Customize filebeat connections

Hello,

We have been given a logstash endpoint, which goes against 2 replicas running on an infra of k8s. What we see is that there is no control of the logstash pod to which we connect, and that many times our clients end up in the same pod decreasing the throughput by half, since we see that the sessions that open the filebeats are constantly open until they have nothing to send.

Does the filebeat have any configuration options for the connection against the logstash to close and open every X seconds, every X events, or every X bytes?

I have also tried to increase the number of connections from each client, adding in the output of logstash "worker: 2" but I see that it does not work either.

Our filebeat config:

filebeat.inputs:
- type: filestream
  id: XXXXXXXXXXXXXX
  enabled: true
  harvester_limit: 4000
  paths:
    - XXXXXXX*.csv
  prospector.scanner.exclude_files: ['\.gz$']
  prospector.scanner.check_interval: 60s
  close.reader.on_eof: true
  ignore_older: 48h
  clean_inactive: 49h

output.logstash:
  hosts: ["XXXXXXX:XXXX"]
  ssl.certificate_authorities: ["/etc/filebeat/ca.crt"]
  worker: 2

Greetings and thanks in advance

What are you putting in the hosts? The two replicas or an entry point in your k8s infra?

An entrypoint. It is a loadbalancer VIP, that balance between all the workers.

This is the other point i am testing, set the fqdns of the 2 pods as:
my-pod-0.my-svc.my-namespace.svc.cluster.local
my-pod-1.my-svc.my-namespace.svc.cluster.local

And this fqdn resolve as the loadbalancer VIP.
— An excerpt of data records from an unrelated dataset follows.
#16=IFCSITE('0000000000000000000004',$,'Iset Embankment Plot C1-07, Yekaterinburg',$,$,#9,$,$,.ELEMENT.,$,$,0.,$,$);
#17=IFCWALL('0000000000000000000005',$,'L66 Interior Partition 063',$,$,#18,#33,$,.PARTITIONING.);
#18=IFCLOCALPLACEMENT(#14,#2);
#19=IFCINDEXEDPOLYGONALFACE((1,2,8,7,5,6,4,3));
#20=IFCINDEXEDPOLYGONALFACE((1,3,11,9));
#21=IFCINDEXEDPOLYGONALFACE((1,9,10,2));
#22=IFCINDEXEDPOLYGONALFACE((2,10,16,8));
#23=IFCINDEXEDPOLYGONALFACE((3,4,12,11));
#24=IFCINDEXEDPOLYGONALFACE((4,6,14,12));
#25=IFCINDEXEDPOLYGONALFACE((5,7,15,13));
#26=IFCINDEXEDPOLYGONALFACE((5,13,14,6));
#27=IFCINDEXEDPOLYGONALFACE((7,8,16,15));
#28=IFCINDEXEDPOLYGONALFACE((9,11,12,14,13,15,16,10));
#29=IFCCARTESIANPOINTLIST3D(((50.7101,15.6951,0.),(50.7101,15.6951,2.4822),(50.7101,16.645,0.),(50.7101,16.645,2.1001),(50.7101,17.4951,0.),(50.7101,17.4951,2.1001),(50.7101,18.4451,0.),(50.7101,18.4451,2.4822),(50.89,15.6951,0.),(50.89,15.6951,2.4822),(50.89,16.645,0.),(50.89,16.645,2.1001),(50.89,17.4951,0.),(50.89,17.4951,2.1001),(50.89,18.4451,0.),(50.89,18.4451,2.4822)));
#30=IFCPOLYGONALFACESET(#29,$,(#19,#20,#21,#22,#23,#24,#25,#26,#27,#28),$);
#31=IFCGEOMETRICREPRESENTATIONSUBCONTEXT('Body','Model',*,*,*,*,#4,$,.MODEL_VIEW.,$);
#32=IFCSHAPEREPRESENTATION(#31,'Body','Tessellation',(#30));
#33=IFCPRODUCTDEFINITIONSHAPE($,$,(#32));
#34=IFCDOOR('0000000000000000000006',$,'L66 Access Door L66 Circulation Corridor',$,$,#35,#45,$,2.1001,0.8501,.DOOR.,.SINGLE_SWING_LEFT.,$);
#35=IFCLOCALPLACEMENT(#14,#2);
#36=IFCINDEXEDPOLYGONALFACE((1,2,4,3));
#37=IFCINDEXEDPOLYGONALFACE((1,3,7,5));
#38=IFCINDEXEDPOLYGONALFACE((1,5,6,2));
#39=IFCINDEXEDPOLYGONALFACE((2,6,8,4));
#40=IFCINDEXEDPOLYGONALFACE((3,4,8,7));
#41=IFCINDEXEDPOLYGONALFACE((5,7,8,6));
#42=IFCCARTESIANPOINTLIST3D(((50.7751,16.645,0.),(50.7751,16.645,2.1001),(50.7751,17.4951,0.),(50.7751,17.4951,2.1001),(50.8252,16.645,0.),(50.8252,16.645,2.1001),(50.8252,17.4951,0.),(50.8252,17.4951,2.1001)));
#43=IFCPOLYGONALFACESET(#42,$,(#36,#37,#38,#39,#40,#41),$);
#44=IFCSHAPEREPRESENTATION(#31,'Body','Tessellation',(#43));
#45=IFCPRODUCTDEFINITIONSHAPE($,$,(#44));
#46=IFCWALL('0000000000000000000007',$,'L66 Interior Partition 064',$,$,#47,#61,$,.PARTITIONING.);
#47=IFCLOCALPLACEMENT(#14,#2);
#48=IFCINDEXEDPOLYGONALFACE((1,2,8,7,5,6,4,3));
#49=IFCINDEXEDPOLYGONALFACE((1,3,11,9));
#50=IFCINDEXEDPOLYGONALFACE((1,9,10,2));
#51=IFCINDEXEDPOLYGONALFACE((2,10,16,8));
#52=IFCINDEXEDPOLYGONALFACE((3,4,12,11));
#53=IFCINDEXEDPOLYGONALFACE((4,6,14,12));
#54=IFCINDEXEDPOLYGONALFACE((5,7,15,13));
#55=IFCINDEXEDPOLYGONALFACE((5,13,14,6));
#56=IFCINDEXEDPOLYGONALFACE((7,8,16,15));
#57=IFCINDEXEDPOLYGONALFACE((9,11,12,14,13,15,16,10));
But i also would like to know if at filebeat level i am able to set the number of connections and limit the time these connections are open.

Regards

I read about some issues in the past where it was need to point directly to the pods running logstash, not an entrypoint, to achieve a better load balancing, but I could not find the post about it.

If I'm not wrong you limit the number of connection with the worker setting, since you have worker: 2, it will have two workers connecting to your logstash endpoint.

To limit the time you may need to use the ttl setting, since you are behind a load balancer.

Connections from beats to logstash are sticky, so if you have a load balancer in front of logstash, this can lead to uneven balancing.

You may try to use the ttl setting (and also need to disable pipelining as explained in the documentation).

Many thanks,

As you said, i had to set "pipelining: 0", but also "loadbalance: true". The guide reference says loadbalance is true by default, but it seems that is not true, i have had to set "loadbalance: true" in the config to work. But with this config:

output.logstash:
  hosts: ["XXX.XXX.XXX.XXX:XXX"]
  ssl.certificate_authorities: ["/etc/filebeat/ca.crt"]
  worker: 2
  pipelining: 0
  loadbalance: true
  ttl: 1m

I get filebeat to open 2 sessions and renew them every minute. With this config i get a better balance between the 2 pods.

I have yet to test if I can specify the pod to connect to through its fqdn. If I manage to do so, I will share it here.

Regards

This is true if you have more than one hosts defined in the hosts setting, if you just have one the load balance is not done by filebeat, but by your ingress.

Just setting pipelining: 0 didn't work?

With one host as i have, with only pipelining: 0, it didn't work. Then, adding "loadbalance: true", it started to work as expected.

Finally I have not been able to connect to a specific pod, I understand because my service is not headless. But I managed to control the session balancing with this configuration in the k8s service:
externalTrafficPolicy: Local

With this configuration you can control from the loadbalancer the sessions to each worker/pod. Specifically I have configured a least_connections type balancing so that all pods have the same number of sessions.

Thanks for your help, because with these configurations I can say that I have managed to have a balanced flow.

Regards

It seems like you're facing connection issues with Logstash and are looking for ways to optimize Filebeat. To address the connection problem, you may want to consider adjusting the loadbalance option in your Filebeat configuration. Additionally, you can explore using the timeout setting to manage connections more effectively. Keep in mind that tuning these parameters may require some experimentation to find the best configuration for your specific use case. Best of luck with your optimization efforts! :+1: AC Football Cases

This topic was automatically closed 28 days after the last reply. New replies are no longer allowed.